The winter season remind us of all the good foods and drinks we love indulging in. Unfortunately, most of those things aren’t good for us and probably aren’t things we should be eating. Pre-diabetes affects 79 million Americans, so even though it is ‘hibernation season’ we should not forget the steps we should take to prevent this condition and avoid diabetes.
1. Exercise- The biggest thing you can do to prevent diabetes is to lose weight if you’re overweight. Weight loss and physical activity can improve the body’s ability to use insulin and process glucose, which can help someone with pre-diabetes return to normal glucose levels. One of the easiest forms of exercise is walking, so get outside, even if it’s for 10 minutes a day.
2. Healthy Diet-Stick to foods that are low in fat, sugars, and sodium. Make changes like filling up on non-starchy veggies before reaching for bread, and replace sweetened drinks with zero-calorie beverages such as diet soda, tea, lemonade with sugar substitute, or a refreshing glass of ice water. Healthier carbohydrate choices include whole grains, fruits, milk, and low- or nonfat yogurt.

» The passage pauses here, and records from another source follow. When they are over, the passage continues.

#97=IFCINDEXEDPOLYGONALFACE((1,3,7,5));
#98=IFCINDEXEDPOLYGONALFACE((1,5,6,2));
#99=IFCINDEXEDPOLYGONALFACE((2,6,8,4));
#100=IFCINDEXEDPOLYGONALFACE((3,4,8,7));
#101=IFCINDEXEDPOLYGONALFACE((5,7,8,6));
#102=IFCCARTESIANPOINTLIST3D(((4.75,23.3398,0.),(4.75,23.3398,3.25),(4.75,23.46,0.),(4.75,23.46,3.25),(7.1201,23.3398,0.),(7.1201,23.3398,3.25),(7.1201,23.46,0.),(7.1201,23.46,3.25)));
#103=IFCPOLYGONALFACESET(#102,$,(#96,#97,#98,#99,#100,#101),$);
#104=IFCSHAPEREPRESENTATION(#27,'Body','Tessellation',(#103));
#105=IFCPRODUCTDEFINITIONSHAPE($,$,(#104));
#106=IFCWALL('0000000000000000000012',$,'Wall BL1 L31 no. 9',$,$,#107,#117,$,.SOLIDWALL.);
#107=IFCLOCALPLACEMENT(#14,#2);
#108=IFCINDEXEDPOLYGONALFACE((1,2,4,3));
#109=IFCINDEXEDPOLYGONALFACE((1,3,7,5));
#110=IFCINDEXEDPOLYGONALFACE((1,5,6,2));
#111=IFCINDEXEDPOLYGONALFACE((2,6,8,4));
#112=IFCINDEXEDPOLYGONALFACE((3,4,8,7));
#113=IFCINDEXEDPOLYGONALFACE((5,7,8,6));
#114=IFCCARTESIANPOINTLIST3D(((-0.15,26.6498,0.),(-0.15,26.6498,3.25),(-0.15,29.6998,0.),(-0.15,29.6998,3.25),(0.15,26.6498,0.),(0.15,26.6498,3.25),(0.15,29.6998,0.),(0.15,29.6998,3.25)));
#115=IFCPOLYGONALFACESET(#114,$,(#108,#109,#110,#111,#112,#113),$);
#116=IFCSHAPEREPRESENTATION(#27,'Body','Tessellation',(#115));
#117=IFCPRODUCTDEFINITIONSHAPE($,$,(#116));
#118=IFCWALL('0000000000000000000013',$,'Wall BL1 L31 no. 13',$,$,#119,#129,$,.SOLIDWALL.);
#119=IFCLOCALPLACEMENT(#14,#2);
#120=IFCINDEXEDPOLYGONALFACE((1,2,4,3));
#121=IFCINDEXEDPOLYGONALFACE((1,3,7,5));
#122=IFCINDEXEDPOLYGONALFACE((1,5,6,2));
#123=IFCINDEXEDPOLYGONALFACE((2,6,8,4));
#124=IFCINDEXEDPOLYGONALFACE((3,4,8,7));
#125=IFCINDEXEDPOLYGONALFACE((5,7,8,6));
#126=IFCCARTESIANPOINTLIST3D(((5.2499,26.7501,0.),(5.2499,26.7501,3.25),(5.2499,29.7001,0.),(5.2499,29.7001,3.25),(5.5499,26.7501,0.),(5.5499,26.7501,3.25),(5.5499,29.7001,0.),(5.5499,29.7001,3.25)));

3. Control portion and practice moderation- When you have pre-diabetes, the amount of food you eat is as important as the types of foods you're eating. Readjust your meals to smaller portions, and make sure there are plenty of vegetables in your plate. If you find that the portions you’re used to are much larger than these, use measuring tools when filling your plate until your brain becomes trained to recognize healthier amounts for diabetes prevention
Eating everything in moderation means skipping the deprivation diet. You shouldn’t be cutting out whole food groups because that often leads to frustration or failure. Instead, just cut back on the “bad” foods that can up your diabetes risk. If you know that you'll be at a celebration or family event where you'll be tempted by sweets or alcoholic beverages, plan accordingly. Eat more non-starchy vegetables and lean protein to balance the carb-heavy indulgences and practice savoring small samples of the bad foods you like.
4. Don't Smoke-Smoking is bad for your health for dozens of reasons, but can increase your risk for diabetes greatly. For example:
- It has a direct negative effect on your heart and lungs
- It raises bad cholesterol and increases blood pressure
So, if you smoke, find a way to stop. You can talk with your medical provider about possible smoking cessation aids, such as medications, nicotine gum, and other strategies.